# STOLEN GUNS! From Bass Pro parking lot!



## huntemwfo (Dec 1, 2009)

I had 2 guns stolen from Bass Pro parking lot in Gwinett last night. (11-30-09) Ruger 308 walnut stock blue finish with a Leupold vari-xII 3x9x50 and a Benelli Vinci 12ga with the max-4 camo. My truck -white 03 Cheverolet crew cab Duramax- was parked out front in broad daylight, from about 1:00pm to 5:00PM. My passenger side door was pryed from the bottom of the lock. Do not think that if your doors are locked you are safe!


----------



## R G (Dec 1, 2009)

I hope you made a police report.


----------



## SSG (Dec 1, 2009)

*going around*

there is alot of that going around in Gwinnett Co.

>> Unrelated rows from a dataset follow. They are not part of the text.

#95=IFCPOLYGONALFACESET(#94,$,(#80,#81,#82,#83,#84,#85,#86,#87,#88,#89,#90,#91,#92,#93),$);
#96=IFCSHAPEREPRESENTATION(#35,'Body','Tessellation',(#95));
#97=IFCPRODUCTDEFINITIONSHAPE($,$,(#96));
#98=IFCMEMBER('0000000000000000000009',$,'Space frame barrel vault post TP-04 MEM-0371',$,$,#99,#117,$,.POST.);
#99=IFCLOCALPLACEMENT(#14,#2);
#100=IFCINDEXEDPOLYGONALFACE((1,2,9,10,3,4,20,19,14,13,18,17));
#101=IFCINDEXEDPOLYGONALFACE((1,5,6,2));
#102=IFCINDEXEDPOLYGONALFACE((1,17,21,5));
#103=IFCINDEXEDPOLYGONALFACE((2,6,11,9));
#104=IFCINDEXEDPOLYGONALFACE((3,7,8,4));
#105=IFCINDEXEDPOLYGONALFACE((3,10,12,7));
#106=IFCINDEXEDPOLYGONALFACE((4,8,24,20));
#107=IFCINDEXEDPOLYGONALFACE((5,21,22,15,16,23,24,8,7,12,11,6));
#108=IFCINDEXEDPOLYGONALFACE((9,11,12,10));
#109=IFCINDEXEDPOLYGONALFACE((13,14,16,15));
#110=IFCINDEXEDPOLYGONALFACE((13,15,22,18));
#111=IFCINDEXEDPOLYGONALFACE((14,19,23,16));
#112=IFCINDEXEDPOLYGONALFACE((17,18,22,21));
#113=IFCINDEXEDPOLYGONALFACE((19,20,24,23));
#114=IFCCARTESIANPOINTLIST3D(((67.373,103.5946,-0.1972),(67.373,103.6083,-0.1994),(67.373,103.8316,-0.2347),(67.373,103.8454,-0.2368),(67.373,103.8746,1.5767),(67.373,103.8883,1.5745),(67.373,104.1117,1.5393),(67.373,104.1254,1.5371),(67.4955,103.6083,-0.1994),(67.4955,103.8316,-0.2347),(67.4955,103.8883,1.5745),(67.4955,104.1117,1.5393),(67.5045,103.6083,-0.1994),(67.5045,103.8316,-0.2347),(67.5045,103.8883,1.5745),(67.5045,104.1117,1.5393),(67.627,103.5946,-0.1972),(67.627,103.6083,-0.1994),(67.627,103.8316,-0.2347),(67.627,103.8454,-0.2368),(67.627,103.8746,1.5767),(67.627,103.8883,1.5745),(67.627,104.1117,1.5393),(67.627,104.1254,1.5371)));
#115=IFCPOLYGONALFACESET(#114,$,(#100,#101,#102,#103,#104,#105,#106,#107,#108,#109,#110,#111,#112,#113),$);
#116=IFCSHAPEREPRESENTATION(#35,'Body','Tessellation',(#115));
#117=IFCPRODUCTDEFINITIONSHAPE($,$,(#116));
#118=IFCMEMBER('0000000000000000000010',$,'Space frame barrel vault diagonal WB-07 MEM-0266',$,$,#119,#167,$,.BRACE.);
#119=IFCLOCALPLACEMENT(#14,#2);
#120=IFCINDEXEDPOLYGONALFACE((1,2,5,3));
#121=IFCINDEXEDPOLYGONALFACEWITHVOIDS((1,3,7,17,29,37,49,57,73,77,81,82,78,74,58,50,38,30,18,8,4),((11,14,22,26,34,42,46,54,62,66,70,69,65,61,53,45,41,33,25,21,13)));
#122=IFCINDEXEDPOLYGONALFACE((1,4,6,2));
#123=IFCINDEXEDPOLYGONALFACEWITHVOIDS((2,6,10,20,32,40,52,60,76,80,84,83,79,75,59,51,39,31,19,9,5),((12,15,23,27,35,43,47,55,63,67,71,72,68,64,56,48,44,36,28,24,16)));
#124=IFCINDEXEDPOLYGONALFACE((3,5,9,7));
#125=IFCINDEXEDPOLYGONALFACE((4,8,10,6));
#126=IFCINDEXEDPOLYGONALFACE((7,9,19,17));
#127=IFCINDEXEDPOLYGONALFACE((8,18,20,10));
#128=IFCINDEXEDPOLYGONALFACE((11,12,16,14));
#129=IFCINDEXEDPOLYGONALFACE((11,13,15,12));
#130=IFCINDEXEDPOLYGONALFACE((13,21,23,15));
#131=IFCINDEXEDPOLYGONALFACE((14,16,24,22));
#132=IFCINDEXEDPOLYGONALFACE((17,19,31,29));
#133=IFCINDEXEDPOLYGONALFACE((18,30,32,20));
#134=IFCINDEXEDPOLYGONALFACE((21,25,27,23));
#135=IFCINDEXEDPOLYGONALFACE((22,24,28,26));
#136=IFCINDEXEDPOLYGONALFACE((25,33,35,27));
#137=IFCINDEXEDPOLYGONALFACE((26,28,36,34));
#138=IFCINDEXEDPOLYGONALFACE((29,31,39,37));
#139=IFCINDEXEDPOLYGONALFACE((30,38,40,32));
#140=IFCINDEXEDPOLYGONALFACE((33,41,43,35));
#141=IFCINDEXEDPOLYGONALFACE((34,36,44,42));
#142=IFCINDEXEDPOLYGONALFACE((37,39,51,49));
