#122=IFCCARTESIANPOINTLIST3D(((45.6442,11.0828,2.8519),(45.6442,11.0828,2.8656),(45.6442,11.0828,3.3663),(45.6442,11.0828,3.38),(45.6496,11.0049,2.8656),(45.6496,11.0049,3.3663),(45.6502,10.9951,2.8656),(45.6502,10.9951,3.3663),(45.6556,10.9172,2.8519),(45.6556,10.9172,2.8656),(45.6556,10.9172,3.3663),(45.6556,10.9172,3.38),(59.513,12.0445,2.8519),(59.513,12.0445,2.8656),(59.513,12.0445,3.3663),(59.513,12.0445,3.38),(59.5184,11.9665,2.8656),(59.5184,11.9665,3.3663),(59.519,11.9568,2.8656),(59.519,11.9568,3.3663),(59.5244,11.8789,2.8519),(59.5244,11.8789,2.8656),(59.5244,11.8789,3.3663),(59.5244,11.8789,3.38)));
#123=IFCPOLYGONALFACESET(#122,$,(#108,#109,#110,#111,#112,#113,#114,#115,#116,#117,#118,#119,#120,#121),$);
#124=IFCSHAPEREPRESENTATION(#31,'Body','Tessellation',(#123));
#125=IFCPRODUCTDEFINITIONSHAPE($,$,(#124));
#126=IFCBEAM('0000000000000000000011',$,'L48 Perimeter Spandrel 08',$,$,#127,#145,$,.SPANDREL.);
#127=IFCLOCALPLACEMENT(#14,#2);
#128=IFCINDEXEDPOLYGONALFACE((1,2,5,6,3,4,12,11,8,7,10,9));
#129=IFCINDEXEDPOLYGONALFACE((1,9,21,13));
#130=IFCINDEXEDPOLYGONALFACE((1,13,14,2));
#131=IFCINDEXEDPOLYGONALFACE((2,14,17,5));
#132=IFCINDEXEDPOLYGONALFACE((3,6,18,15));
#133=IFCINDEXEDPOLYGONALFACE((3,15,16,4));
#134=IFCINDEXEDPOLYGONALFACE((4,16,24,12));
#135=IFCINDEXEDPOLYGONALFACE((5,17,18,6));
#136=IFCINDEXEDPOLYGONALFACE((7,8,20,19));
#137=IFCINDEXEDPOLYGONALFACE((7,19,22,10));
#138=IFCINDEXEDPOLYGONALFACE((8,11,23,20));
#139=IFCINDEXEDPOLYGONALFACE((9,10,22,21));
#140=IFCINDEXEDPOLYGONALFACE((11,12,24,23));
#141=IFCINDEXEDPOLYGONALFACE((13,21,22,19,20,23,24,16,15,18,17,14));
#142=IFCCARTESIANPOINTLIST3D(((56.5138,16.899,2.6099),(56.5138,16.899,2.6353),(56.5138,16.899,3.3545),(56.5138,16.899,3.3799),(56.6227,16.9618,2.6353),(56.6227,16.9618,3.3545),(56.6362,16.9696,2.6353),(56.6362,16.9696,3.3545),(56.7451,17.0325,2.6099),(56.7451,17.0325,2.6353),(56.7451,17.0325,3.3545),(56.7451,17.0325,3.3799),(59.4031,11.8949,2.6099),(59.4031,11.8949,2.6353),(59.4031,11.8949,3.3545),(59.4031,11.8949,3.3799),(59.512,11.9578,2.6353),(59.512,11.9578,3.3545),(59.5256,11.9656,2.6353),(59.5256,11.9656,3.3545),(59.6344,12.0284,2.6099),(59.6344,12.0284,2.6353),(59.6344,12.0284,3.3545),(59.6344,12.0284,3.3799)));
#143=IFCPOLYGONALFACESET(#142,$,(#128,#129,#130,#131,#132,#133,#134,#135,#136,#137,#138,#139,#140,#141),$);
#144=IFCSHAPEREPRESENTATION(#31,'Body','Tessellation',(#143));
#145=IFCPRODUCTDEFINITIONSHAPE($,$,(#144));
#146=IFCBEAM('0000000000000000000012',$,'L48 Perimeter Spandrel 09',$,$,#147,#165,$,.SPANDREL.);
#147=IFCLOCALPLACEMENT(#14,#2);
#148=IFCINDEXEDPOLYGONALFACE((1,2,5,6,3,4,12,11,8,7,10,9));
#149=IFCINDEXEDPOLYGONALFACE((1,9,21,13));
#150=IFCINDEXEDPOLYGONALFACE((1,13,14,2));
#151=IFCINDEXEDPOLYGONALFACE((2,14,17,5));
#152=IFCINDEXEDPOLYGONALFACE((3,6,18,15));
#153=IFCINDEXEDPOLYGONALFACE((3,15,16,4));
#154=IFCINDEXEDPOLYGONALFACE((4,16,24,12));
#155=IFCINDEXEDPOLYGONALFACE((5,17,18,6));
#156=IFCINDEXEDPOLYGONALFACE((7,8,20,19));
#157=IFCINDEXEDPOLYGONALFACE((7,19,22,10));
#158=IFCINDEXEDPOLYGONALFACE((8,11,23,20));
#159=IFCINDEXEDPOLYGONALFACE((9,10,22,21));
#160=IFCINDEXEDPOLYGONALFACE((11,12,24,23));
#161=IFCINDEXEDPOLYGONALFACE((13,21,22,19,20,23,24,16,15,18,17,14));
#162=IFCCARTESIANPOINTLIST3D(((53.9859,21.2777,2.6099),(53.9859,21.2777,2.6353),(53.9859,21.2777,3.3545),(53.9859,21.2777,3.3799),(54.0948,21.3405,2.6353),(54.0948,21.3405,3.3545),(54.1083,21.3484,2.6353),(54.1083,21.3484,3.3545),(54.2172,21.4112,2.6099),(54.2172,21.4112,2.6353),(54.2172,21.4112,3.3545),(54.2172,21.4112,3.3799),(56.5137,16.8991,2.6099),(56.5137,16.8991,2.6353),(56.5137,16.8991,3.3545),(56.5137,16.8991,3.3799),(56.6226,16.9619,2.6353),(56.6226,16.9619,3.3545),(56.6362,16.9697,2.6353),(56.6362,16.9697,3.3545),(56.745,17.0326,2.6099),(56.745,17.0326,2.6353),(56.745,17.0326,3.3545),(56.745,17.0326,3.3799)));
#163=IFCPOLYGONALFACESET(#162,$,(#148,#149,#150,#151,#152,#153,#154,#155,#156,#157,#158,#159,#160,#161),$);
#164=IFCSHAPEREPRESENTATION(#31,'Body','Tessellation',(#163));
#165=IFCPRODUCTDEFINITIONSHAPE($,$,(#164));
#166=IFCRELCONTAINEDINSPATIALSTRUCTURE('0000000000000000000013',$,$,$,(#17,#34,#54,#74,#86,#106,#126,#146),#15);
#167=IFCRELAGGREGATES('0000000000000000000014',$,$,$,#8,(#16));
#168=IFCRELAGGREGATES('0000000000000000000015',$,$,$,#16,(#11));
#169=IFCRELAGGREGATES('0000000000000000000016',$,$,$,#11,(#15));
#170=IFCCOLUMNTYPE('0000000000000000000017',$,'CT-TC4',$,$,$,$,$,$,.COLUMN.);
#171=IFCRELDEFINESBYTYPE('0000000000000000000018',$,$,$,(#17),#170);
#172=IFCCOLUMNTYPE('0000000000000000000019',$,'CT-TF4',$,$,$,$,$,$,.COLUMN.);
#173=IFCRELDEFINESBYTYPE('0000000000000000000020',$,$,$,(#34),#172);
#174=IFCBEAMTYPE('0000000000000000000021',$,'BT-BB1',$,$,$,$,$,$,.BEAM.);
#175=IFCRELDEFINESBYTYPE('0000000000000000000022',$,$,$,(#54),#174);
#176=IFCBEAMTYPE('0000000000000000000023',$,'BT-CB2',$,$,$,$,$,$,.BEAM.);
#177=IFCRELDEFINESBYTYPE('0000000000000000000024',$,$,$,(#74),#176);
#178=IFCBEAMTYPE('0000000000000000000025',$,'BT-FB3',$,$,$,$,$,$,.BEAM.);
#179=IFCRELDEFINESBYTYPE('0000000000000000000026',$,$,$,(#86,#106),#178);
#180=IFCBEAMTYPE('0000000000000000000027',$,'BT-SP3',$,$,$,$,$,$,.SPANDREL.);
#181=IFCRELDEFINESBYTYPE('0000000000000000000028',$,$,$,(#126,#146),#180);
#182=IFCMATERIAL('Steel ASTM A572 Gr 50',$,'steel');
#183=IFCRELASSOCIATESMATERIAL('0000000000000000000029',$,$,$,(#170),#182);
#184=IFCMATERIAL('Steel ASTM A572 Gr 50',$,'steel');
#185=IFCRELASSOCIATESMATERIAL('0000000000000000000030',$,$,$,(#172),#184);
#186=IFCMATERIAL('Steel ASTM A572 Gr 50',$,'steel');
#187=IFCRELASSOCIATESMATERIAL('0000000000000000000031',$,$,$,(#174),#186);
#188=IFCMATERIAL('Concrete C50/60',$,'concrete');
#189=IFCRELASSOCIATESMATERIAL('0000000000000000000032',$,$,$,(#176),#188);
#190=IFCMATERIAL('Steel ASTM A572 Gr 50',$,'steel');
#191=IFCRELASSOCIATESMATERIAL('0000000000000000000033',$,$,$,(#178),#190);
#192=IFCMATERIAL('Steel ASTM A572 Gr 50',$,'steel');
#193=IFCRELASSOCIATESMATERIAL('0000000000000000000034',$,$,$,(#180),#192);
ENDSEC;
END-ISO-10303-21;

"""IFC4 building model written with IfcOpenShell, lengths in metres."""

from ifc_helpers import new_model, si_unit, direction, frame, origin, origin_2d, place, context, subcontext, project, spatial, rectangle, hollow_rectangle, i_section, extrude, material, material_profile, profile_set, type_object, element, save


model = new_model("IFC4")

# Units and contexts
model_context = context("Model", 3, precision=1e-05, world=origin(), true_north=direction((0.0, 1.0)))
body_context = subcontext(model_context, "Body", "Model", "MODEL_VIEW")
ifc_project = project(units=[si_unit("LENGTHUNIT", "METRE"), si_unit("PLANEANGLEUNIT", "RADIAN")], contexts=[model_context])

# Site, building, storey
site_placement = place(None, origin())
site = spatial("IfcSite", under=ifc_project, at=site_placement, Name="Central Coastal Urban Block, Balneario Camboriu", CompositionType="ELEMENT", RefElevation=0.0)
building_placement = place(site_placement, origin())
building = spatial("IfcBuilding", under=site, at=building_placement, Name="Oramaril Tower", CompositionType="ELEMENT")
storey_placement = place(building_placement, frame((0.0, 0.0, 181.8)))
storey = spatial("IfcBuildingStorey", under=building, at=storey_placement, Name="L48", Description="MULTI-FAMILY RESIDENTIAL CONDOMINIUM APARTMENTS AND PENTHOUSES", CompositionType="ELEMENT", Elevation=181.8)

My truck and the truck next to mine were broke into in broad daylight  in Snellville. They took a range bag with ammo and some other stuff, but completely missed my Sig220 that was under the console.
Your right, a locked door does not mean your stuff is safe!


----------



## cball917 (Dec 1, 2009)

man that sucks. get a report on them


----------



## olchevy (Dec 1, 2009)

Bass pro has cameras! get em!


----------



## Cottontail (Dec 1, 2009)

My wife always scolds me when i leave my deer rifle in the truck just never think these things will happen.


----------



## Jamie Brett Jr. (Dec 1, 2009)

olchevy said:


> Bass pro has cameras! get em!



x's 2


----------



## hawaiian (Dec 2, 2009)

Men I hate a thieves. yea basspro should have cameras ! Good luck n I hope they get that Edited to Remove Profanity ----Edited to Remove Profanity ----Edited to Remove Profanity ----Edited to Remove Profanity ----Edited to Remove Profanity ----Edited to Remove Profanity ----Edited to Remove Profanity ---- !!!
____________
Hunt'em hard or no hunt at all !!!


----------



## Hawgdog (Dec 2, 2009)

If our country had public hangings for crap like that your guns would be safe in an UNLOCKED truck


----------



## dgr416 (Dec 2, 2009)

*Stolen guns!*

Gwinnett county is not what it use to be its a cess pool.Its a good place to get shot,robbed or carjacked.I usually like to have my dogs in the truck.They do like the Arabs they romove hands of Theives.Yep your stuff is hardly safe anywhere anymore!!!


----------



## david w. (Dec 2, 2009)

i think they need to move that bass pro shop to eatonton


----------



## david w. (Dec 2, 2009)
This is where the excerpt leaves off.